Câmara de Salvador proíbe o arrastão da Quarta de Cinzas

Festividade foi criada por Carlinhos Brown e fecha o calendário de festas de rua na capital baiana: sanção depende do prefeito

Ng Adenilson/LatinContent via Getty ImagesNg Adenilson/LatinContent via Getty Images

atualizado 12/09/2019 20:48

Por motivos religiosos, a Câmara Municipal de Salvador proibiu, nesta quarta-feira (11/09/2019), qualquer festividade carnavalesca na Quarta-feira de Cinzas. O projeto de lei ainda depende da sanção do prefeito da cidade, ACM Neto (DEM-BA), para virar lei.

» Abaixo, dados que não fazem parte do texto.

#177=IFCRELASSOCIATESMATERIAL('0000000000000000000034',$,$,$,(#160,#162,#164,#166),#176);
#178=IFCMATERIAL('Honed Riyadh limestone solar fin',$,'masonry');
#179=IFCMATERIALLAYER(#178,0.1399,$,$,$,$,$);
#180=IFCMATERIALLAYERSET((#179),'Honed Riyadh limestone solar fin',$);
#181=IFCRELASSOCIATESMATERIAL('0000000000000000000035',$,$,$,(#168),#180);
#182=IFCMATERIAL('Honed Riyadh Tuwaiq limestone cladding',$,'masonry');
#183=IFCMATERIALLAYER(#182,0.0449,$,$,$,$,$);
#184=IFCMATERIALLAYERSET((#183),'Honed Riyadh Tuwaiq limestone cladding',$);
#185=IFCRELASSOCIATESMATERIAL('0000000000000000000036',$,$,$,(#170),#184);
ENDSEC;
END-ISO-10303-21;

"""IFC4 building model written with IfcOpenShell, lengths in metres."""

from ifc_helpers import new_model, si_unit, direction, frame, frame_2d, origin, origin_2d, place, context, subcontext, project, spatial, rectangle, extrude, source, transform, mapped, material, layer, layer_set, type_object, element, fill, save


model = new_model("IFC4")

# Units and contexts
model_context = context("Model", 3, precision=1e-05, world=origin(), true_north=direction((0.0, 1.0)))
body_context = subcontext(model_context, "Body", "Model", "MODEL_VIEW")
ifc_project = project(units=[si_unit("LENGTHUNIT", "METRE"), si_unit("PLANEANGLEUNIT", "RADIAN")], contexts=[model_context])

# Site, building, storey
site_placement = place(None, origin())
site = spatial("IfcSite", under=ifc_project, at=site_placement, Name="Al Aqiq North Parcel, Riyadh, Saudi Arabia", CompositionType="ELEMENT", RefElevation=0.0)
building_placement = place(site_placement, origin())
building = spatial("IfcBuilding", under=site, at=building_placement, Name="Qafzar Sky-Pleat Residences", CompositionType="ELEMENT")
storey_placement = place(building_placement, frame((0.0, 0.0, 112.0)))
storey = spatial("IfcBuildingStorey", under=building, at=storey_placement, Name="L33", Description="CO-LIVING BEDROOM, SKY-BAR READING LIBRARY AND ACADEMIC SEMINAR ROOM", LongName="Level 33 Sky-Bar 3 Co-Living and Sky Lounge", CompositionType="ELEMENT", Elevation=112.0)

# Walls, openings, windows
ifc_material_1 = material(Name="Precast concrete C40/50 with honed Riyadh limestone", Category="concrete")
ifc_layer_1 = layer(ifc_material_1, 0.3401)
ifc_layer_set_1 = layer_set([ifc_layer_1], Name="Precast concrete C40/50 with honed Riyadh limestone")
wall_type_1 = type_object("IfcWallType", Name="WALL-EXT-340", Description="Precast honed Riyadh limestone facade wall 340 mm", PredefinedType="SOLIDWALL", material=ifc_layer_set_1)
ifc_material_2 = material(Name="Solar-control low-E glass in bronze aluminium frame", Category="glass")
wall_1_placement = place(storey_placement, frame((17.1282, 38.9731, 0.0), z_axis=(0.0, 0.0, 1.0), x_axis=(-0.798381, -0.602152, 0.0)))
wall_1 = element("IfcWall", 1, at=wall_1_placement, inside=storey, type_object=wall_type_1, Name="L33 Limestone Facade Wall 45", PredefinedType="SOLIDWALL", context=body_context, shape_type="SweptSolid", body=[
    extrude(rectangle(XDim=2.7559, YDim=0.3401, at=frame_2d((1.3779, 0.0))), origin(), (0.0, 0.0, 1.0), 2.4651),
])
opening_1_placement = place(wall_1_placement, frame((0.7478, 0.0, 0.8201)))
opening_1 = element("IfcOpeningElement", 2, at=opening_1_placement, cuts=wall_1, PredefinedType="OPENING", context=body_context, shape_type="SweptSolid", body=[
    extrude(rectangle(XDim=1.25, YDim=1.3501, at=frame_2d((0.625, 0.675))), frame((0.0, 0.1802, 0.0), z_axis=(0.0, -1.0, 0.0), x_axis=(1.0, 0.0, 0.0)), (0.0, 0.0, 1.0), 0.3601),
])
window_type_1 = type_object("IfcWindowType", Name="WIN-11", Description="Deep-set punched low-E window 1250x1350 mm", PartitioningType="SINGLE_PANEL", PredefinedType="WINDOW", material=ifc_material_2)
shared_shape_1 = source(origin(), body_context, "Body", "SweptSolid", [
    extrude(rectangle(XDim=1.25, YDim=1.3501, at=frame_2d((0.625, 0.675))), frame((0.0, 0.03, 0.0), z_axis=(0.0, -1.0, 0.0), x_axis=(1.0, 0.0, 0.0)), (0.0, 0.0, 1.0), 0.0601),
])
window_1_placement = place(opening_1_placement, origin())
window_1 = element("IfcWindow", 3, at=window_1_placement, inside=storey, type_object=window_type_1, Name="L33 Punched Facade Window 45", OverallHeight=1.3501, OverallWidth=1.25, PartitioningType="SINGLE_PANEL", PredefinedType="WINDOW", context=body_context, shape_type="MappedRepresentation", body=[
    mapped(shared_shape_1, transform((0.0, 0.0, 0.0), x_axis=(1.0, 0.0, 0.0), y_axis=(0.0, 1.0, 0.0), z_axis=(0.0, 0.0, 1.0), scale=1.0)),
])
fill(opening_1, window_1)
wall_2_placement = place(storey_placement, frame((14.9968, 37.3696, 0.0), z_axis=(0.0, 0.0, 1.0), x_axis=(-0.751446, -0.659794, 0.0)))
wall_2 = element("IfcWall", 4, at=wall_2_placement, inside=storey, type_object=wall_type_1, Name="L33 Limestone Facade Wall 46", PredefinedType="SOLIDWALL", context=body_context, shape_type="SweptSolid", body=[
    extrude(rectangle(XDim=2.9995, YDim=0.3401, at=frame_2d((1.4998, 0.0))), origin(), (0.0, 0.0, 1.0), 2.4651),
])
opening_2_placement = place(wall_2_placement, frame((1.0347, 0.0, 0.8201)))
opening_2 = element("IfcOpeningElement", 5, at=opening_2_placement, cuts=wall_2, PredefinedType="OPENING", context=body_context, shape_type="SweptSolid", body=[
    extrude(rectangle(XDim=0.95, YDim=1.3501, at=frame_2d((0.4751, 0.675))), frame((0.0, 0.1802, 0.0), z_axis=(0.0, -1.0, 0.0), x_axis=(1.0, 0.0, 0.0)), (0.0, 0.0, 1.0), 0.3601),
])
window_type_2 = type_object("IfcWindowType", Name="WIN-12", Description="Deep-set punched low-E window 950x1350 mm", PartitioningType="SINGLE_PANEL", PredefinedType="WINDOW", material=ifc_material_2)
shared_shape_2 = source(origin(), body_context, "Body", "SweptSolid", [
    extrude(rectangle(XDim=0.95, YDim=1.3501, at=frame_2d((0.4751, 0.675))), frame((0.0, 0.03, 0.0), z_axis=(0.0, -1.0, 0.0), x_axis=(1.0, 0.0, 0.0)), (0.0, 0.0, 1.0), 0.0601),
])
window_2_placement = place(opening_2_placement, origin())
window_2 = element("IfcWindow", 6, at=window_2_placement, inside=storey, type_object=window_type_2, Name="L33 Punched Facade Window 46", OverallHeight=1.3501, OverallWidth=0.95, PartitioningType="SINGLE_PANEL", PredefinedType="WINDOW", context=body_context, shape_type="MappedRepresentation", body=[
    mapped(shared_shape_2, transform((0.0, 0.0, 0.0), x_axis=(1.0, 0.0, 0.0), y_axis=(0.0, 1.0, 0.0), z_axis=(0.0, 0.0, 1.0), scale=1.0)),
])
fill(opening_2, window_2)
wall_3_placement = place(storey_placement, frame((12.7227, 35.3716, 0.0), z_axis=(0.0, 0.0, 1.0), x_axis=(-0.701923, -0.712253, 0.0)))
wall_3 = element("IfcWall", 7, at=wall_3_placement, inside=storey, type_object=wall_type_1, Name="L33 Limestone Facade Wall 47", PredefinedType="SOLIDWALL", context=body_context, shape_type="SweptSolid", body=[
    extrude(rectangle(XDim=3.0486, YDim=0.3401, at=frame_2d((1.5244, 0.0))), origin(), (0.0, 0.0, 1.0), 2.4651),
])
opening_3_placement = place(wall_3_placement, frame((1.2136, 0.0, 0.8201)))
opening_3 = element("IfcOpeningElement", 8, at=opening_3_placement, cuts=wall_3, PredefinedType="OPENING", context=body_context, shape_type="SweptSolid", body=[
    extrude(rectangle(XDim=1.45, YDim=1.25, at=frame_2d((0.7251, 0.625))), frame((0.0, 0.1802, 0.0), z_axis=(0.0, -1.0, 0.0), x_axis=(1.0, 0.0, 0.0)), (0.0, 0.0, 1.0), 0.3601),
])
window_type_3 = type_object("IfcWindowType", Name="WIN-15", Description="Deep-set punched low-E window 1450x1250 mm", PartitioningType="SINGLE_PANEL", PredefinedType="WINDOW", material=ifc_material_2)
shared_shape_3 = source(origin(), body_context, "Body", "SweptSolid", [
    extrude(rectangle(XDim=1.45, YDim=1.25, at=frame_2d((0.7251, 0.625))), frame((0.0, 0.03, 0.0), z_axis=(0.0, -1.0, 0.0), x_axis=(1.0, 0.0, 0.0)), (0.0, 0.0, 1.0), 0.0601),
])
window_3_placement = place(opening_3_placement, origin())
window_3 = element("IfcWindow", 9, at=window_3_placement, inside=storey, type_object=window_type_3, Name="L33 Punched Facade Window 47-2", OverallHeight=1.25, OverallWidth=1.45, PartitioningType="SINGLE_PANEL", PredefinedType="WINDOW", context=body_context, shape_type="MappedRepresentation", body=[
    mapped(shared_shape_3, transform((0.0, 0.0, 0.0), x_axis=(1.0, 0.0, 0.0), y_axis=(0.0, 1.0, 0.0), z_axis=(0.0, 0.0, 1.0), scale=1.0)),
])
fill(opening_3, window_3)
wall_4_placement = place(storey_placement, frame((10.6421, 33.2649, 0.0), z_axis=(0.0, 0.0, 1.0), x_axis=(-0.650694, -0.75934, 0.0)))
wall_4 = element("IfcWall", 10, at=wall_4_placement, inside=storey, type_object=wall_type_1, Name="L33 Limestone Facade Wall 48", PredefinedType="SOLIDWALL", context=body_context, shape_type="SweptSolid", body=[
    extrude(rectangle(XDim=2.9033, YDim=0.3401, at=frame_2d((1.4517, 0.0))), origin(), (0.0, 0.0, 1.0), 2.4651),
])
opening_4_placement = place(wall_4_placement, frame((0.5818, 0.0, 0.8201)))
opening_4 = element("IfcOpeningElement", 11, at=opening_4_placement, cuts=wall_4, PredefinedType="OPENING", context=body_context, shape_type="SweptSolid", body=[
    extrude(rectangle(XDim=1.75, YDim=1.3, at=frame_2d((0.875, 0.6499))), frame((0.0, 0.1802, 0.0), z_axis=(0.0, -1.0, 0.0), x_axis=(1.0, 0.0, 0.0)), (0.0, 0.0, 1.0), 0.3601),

O texto estipula que a partir das 5h da quarta-feira após o Carnaval, estão proibidas festas e blocos de rua. A proposta é de autoria do vereador Henrique Carballal (PV-BA), que justificou a iniciativa com motivações religiosas: segundo ele, a Quarta-feira de Cinzas marca o início da Quaresma e não pode ser um dia de festas pagãs.

O período de 40 dias que antecede a Páscoa é marcado, entre os católicos, por resguardo e oração. À Folha de São Paulo, Carballal, que é ligado à Igreja Católica, afirmou que o Carnaval “é uma festa ligada ao calendário eclesiástico. Esticá-lo para a Quarta-feira de cinzas é, na verdade, fazer uma negação do que é o Carnaval”. Ele ainda argumentou que apesar da laicidade do Estado, é preciso reconhecer uma maioria cristã na população. “Gosto de Carnaval, mas o que vinha acontecendo era um exagero”, pontuou.

Em Salvador, a data é marcada, há 24 anos, pelo arrastão da Quarta de Cinzas. O evento foi criado por Carlinhos Brown e consiste em um desfile mais curto e veloz, no caminho contrário do tradicional carnavalesco: vai da Barra até Ondina e carrega foliões que não querem o fim do feriado, além de ambulantes que ajudam a movimentar a economia da cidade no período.